In this case the magnetometer calibration is the process of getting the transformation matrix and the bias. To get these data you can use the MagMaster program.

You can download MagMaster here.

Example of using the MagMaster

Hardware:

Software:

  • MagMaster (placed in MagMaster folder)
  • MagViewer (placed in MagMaster folder)

Firmware:

  • Arduino Sketch (placed in MagMaster folder)

Picture 2

Picture 3

Picture 4

Connect the magnetometer module to the arduino board via I2C bus (picture 4). Upload the arduino sketch to the arduino board (see "Arduino_Code" folder in the "MagMaster" folder). This arduino sketch requires the HMC5883L library, copy the folder "HMC5883L" (placed in "Arduino_Code" folder)  to the folder "C:\Program Files\Arduino\libraries".

Then run the MagViewer.exe, select the serial port of the arduino board (the boud rate of the seraial port should be 9600 bps) and click "Run MagViewer". Now you can see the coordinates of the magnetometer data vector in 3D space on a real time (picture 5, video 1, 2). These data are not calibrated yet.

Picture 5

Video 1

Video 2

If you see the points of the magnetometer vector coordinates in 3D space the arduino board and the PC connection works right.

Now close the MagViewer window and run the MagMaster.exe (picture 6). Select the serial port of the arduino board. The green strings X, Y, Z will indicates the coordinates of the magnetometer vector.

Picture 6

Place the magnetometer module as shown on the picture 8.1 and click "Point 0" button of the "Axis X+" groupbox. For the placement of the module you can use the wooden bar or the paper box (picture 7). If you can not connect your magnetometer device to PC then you can use any other way to get to know the magnetometer data. You can enter these data in the program manually.

Picture 7

Place the magnetometer as shown on the picture 8.2 and click "Point 180" button of the "Axis X+" groupbox and so on.
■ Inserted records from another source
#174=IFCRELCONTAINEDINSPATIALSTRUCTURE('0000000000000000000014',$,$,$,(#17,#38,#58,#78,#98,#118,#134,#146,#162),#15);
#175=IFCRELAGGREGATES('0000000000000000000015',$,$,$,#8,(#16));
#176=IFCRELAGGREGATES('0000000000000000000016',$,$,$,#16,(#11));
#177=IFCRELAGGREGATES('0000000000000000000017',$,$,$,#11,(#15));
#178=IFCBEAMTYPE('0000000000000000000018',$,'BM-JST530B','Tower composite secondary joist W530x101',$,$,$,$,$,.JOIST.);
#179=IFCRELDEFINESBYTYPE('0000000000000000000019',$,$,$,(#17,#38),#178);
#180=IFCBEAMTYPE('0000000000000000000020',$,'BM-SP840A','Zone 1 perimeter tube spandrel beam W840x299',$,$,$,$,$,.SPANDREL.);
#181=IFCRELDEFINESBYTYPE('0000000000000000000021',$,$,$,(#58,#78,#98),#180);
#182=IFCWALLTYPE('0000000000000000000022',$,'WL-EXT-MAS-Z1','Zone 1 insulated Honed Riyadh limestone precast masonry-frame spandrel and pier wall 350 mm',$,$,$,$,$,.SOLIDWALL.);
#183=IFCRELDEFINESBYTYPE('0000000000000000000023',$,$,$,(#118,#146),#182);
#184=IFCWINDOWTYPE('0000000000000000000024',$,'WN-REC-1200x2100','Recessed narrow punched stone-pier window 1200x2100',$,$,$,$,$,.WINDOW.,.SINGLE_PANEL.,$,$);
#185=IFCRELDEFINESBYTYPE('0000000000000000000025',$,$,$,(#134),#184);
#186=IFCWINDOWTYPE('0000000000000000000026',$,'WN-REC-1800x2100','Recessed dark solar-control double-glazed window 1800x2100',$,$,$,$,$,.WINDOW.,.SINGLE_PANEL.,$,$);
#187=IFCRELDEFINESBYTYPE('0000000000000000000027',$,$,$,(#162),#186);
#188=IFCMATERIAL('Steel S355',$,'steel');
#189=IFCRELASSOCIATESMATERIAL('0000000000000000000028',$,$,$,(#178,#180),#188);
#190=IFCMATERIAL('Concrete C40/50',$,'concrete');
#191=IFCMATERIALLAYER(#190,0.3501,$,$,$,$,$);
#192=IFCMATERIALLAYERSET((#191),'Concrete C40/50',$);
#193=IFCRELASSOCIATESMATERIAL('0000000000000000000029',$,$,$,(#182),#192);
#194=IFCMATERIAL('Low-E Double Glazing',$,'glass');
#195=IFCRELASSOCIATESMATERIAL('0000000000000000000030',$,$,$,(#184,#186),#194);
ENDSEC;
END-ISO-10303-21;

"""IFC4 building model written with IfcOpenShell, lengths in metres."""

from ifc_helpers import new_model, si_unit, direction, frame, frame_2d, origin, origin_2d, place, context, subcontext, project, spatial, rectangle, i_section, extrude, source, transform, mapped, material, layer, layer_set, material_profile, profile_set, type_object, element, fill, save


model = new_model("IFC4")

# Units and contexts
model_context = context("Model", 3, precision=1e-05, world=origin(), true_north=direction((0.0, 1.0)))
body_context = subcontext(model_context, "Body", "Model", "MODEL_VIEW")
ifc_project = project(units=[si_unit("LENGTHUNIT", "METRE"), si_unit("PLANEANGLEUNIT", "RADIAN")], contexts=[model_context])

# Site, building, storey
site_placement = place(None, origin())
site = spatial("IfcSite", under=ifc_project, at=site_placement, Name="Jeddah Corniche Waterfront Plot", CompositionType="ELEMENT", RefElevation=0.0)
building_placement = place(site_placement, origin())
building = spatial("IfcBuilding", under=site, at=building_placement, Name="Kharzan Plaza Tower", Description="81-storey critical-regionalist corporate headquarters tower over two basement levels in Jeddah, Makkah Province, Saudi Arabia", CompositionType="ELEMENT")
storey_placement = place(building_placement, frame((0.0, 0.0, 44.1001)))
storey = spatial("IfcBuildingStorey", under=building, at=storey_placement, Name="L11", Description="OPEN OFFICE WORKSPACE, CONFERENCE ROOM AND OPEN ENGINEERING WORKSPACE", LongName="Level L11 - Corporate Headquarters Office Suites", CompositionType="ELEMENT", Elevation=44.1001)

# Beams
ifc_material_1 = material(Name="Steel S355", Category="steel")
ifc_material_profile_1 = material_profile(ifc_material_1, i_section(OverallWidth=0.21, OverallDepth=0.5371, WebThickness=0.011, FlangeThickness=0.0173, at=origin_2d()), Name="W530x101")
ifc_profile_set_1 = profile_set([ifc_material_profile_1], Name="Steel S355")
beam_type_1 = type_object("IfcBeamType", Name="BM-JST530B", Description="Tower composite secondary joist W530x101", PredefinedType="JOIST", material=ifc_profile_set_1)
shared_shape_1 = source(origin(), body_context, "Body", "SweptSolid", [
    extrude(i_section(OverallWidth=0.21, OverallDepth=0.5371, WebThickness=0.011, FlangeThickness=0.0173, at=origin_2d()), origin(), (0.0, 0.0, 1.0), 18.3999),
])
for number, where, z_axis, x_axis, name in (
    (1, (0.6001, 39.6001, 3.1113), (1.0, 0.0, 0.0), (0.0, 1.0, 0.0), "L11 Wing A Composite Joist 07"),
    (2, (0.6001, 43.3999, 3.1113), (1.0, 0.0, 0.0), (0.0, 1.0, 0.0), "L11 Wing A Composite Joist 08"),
You should do in the following way:

  • Picture 8.1: "Point 0", "Axis X+"
  • Picture 8.2: "Point 180", "Axis X+"
  • Picture 8.3: "Point 0", "Axis X-"
  • Picture 8.4: "Point 180", "Axis X-"
  • Picture 8.5: "Point 0", "Axis Y+"
  • Picture 8.6: "Point 180", "Axis Y+"
  • Picture 8.7: "Point 0", "Axis Y-"
  • Picture 8.8: "Point 180", "Axis Y-"
  • Picture 8.9: "Point 0", "Axis Z+"
  • Picture 8.10: "Point 180", "Axis Z+"
  • Picture 8.11: "Point 0", "Axis Z-"
  • Picture 8.12: "Point 180", "Axis Z-"

Picture 8

You should fill the table. After that click "Calculate Transformation Matrix and Bias" and get the required matrix and bias (picture 9).

Picture 9

The transformation matrix and the bias are got. Now you can calculate the calibrated magnetometer data in your device on a real time with using the matrix and the bias as shown on picture 1. The example of the arduino sketch of using this calculation you can find in the "Arduino_Test_Results" folder.
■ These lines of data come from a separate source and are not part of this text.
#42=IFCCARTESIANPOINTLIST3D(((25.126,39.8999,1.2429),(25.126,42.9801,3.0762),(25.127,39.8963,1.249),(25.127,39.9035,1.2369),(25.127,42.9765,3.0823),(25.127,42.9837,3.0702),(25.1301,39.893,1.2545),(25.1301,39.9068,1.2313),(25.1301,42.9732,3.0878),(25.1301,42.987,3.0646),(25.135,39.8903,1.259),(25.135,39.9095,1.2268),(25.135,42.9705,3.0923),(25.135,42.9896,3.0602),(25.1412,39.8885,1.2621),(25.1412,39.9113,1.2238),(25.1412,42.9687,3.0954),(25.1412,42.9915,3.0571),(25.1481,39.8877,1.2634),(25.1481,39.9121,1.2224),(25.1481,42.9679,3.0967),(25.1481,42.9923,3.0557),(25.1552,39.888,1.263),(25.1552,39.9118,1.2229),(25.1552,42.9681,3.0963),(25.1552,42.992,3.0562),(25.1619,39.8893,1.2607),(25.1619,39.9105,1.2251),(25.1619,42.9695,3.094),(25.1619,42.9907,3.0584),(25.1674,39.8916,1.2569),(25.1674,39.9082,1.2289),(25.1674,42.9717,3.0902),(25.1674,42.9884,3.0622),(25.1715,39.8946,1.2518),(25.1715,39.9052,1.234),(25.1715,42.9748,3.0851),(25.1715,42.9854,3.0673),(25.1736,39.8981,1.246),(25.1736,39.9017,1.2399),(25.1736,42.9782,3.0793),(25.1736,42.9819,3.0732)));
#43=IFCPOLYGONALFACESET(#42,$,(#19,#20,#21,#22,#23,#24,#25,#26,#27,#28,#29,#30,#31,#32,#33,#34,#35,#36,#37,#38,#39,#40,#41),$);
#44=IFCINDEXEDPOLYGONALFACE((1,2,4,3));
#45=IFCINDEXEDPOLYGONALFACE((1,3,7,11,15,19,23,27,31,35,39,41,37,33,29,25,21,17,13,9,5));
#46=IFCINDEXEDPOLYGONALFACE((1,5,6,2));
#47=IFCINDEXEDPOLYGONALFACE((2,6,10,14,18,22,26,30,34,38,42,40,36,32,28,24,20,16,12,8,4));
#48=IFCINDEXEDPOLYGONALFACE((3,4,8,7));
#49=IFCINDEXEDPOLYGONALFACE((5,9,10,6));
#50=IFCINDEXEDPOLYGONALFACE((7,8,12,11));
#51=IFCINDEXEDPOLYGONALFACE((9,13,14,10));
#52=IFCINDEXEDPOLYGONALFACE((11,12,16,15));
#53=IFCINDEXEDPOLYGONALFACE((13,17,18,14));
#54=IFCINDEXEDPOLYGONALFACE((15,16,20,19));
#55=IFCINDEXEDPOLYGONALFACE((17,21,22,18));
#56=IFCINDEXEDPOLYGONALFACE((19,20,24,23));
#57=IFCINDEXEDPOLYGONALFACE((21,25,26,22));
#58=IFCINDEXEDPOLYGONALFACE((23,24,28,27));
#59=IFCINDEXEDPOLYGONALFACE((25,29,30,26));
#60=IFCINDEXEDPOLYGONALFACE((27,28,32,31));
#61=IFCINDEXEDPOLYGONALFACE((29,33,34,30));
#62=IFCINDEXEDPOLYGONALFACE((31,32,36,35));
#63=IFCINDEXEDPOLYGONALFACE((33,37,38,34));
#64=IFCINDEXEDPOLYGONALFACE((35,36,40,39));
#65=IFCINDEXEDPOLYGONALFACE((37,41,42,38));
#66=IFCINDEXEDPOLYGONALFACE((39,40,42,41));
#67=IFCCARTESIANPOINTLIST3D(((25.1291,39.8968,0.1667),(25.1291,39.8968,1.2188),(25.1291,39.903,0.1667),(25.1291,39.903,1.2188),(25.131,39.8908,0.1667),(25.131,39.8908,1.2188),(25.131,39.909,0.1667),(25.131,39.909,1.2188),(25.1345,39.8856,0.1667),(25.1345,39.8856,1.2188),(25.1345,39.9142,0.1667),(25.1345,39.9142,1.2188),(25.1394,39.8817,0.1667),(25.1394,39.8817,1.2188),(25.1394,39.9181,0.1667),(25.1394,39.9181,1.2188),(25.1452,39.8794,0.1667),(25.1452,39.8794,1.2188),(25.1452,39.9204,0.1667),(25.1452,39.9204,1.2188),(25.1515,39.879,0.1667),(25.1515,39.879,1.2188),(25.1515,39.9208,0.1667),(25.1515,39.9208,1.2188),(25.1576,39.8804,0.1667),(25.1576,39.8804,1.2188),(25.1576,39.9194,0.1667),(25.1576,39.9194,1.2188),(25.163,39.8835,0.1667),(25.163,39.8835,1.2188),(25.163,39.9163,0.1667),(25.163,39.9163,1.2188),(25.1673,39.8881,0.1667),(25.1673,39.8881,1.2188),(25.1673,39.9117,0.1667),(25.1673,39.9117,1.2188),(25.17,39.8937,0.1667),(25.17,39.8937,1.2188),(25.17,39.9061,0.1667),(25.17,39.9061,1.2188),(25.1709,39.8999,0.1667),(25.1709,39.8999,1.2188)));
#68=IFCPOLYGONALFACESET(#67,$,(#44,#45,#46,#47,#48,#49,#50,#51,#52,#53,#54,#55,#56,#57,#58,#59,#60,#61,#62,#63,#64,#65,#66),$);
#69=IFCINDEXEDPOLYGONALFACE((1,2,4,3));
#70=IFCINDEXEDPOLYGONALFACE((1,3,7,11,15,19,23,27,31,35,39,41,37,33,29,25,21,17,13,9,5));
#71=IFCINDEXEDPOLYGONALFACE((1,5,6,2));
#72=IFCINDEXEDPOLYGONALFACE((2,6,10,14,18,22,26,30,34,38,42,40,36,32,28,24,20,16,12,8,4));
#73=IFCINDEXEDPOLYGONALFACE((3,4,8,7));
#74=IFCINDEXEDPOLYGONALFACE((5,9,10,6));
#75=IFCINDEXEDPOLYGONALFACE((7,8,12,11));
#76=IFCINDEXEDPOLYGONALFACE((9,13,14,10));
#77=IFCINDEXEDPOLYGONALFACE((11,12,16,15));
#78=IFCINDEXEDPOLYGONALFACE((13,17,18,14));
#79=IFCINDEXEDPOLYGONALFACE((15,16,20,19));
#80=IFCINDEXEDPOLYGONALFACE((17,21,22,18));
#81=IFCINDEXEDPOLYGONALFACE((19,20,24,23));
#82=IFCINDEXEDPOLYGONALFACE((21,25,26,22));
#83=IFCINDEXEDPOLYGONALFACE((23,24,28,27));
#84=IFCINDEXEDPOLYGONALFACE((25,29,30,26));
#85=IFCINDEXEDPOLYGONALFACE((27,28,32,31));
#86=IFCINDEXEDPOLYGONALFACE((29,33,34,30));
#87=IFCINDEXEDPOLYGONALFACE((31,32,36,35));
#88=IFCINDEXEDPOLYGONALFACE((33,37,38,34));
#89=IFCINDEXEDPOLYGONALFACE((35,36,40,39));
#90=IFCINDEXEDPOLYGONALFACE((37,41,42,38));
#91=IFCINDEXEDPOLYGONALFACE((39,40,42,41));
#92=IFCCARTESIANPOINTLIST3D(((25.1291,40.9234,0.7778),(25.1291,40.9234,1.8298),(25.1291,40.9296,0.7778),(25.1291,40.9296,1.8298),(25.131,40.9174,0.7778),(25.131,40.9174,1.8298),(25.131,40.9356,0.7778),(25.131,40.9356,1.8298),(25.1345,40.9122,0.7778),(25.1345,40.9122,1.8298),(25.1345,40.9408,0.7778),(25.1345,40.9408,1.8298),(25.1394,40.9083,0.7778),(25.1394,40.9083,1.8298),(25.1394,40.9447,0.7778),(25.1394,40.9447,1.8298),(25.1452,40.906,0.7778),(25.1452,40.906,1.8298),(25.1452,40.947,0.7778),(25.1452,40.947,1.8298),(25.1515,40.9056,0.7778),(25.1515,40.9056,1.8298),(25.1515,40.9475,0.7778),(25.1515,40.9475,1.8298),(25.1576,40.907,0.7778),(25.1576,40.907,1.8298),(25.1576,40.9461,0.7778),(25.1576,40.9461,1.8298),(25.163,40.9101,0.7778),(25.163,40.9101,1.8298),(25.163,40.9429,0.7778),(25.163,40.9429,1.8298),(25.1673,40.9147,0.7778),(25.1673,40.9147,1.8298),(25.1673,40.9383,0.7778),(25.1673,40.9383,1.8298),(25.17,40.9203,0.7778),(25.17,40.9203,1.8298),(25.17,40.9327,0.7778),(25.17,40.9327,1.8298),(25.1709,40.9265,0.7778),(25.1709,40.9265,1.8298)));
You can apply the sphere radius stabilization algorithm to your program (use for it the Arduino_Radius_Stabilization folder placed in MagMaster folder).

The calibrated magnetometer vector coordinates in 3D space with the radius stabilization shown on the picture 10 and video 3, 4.

Picture 10

Video 3

Video 4

Using of the arduino is only example, you can easy adopt the arduino code for any other system and use the MagMaster program with it.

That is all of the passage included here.